Les belles affaires africaines d’Israël

Les belles affaires africaines d’Israël

le 07 juillet, 2014 dans Inter-national par

Agronomie, irrigation, ingénierie, et surtout des armes, plein d’armes : c’est dingue le nombre de trucs qu’Israël peut avoir à vendre aux Africains. Régulièrement, l’Etat hébreu signe de très juteux contrat, comme récemment avec la Côte d’Ivoire pour la construction d’une centrale thermique, que le groupe israélien Telemania a facturé 500 millions d’euros.

Si l’Afrique du Sud, le Togo, le Nigeria, l’Egypte et le Kenya comptent parmi les principaux partenaires commerciaux d’Israël en Afrique, c’est bien le vieux pote sud-africain qui fait les meilleures affaires avec Jérusalem.

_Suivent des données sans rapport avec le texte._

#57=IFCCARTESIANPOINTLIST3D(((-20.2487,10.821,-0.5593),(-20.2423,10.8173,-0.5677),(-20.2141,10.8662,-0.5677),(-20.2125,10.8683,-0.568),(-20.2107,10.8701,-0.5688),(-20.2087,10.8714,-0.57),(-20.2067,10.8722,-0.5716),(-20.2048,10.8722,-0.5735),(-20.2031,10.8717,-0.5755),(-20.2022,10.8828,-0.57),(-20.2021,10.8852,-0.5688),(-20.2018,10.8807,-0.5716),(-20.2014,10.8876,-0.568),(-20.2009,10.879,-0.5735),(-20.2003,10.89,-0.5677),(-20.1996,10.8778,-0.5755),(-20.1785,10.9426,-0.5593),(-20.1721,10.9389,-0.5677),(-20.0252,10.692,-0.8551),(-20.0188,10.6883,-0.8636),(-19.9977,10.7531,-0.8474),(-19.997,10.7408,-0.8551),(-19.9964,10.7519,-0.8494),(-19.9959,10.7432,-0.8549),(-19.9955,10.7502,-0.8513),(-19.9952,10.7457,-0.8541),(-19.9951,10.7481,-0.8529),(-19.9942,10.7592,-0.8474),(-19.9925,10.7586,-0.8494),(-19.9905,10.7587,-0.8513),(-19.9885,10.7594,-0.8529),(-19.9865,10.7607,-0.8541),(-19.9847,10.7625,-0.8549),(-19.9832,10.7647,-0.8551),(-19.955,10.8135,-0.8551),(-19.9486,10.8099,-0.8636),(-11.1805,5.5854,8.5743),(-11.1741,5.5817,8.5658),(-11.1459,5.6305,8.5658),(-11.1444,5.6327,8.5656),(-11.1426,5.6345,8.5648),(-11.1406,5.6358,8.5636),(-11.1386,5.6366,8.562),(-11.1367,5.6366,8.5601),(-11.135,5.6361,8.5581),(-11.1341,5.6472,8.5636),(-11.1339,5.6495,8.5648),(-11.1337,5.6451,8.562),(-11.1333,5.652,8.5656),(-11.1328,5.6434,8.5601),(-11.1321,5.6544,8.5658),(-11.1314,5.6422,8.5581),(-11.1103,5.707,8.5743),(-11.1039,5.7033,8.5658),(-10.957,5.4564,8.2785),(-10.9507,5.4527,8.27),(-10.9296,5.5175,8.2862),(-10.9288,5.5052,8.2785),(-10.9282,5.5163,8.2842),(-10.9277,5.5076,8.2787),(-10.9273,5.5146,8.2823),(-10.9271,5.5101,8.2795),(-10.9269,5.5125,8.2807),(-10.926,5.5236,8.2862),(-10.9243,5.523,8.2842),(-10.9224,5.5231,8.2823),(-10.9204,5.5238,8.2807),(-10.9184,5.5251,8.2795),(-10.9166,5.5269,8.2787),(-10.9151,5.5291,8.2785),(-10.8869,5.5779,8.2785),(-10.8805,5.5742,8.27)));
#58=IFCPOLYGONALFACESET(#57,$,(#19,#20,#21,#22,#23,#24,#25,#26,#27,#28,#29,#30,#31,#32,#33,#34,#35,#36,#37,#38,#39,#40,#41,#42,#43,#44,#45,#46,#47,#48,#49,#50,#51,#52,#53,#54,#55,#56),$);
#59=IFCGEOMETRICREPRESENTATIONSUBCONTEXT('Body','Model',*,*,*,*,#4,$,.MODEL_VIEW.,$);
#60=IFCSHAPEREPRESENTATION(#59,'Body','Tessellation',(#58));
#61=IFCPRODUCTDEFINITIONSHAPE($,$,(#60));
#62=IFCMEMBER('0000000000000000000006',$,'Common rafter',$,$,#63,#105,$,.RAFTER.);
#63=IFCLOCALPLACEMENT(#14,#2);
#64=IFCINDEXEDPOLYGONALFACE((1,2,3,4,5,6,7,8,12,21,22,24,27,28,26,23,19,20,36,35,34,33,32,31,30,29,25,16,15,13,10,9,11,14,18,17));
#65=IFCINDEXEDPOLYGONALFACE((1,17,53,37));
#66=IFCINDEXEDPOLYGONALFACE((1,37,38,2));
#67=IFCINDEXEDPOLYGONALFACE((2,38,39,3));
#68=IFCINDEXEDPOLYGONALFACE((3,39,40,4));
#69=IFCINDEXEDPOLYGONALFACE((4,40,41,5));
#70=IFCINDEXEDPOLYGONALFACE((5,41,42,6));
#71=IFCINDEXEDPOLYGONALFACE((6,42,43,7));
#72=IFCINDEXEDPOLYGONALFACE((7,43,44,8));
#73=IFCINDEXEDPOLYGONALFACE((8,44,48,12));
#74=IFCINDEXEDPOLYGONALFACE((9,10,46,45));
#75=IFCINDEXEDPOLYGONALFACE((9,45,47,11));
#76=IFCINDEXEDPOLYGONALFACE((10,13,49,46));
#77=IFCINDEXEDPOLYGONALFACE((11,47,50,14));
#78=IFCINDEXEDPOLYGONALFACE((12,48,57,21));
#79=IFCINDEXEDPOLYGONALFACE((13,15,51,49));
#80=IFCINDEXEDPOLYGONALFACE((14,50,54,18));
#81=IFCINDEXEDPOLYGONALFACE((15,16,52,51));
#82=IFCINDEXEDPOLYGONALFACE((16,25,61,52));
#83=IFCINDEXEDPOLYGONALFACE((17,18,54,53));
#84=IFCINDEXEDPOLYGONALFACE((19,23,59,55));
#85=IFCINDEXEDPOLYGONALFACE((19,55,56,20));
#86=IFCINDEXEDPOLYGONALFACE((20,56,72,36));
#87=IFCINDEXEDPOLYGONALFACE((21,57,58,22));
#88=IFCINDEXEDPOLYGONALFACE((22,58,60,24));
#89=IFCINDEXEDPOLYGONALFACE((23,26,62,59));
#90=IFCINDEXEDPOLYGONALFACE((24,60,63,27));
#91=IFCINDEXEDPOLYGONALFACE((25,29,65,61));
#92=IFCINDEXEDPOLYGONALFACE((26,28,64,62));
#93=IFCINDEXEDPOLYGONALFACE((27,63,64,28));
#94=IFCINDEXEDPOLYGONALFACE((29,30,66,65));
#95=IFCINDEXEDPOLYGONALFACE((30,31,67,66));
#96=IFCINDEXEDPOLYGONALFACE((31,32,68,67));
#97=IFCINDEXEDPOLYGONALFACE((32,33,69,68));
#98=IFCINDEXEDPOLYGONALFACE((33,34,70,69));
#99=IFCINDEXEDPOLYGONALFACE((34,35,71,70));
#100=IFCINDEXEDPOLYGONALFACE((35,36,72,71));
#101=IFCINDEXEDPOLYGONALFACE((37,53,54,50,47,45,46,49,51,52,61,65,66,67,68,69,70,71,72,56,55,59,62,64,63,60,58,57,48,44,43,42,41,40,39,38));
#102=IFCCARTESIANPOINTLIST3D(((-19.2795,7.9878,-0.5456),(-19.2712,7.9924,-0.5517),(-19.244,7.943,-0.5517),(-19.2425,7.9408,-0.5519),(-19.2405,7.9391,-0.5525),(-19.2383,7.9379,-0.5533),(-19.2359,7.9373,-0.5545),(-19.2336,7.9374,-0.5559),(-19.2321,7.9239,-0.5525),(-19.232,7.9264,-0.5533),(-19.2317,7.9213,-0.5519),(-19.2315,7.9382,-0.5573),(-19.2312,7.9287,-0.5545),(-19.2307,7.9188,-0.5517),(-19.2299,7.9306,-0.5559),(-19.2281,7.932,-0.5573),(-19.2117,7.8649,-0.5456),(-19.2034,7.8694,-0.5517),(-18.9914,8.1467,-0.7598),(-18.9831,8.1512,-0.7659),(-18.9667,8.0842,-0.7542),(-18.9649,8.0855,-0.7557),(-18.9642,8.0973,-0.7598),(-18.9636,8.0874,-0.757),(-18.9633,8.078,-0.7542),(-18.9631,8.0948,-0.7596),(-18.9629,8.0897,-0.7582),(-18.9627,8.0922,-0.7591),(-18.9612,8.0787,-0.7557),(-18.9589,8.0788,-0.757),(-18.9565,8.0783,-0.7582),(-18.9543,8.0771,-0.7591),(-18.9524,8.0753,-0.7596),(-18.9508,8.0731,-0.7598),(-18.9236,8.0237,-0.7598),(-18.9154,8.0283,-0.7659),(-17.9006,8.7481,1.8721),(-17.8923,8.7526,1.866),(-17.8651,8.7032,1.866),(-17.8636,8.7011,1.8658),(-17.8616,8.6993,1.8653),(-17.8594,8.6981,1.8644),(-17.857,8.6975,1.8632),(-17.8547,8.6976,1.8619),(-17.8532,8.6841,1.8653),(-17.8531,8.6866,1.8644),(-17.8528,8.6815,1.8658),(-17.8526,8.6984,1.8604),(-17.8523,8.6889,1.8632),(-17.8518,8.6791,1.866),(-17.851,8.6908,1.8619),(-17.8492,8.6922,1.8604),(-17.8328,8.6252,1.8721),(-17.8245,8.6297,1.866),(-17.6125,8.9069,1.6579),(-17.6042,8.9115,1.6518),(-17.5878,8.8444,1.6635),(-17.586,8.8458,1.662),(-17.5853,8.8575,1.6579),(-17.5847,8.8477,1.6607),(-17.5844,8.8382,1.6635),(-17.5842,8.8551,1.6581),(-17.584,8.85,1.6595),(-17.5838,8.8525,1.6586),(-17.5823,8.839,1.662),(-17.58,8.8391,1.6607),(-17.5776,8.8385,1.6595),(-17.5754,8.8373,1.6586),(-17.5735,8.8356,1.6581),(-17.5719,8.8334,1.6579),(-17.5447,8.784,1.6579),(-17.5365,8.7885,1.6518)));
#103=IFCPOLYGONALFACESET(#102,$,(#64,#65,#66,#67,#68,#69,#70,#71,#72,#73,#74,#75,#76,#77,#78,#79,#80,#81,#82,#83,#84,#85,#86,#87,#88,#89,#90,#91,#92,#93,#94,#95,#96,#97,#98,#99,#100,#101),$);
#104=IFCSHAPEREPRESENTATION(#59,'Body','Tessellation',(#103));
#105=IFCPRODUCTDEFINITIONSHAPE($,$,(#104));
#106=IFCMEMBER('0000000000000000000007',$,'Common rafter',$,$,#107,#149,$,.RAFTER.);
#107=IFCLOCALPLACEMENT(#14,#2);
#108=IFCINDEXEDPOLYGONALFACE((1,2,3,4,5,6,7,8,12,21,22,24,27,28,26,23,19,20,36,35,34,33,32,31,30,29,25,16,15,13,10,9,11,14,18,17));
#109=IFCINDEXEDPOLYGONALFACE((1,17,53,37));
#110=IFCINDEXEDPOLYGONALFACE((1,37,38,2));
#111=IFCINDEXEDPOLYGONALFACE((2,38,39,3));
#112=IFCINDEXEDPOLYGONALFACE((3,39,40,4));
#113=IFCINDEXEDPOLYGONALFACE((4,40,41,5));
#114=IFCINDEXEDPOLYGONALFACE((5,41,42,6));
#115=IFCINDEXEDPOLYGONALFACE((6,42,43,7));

Ce n’est plus le temps béni de l’apartheid où les Israéliens avaient cette drôle de sensation de se sentir comme à la maison en Afrique du Sud… Mais en 2013, Pretoria a vendu pour plus de 700 millions de dollars de minerais et métaux précieux aux diamantaires de Tel-Aviv, dont 283 millions de dollars rien que pour les diamants. Les Sud-Africains s’en tirent plutôt bien : avoisinant les 425 millions de dollars, le montant de leurs importations en provenance d’Israël reste légèrement inférieur à ce qu’ils vendent aux Israéliens.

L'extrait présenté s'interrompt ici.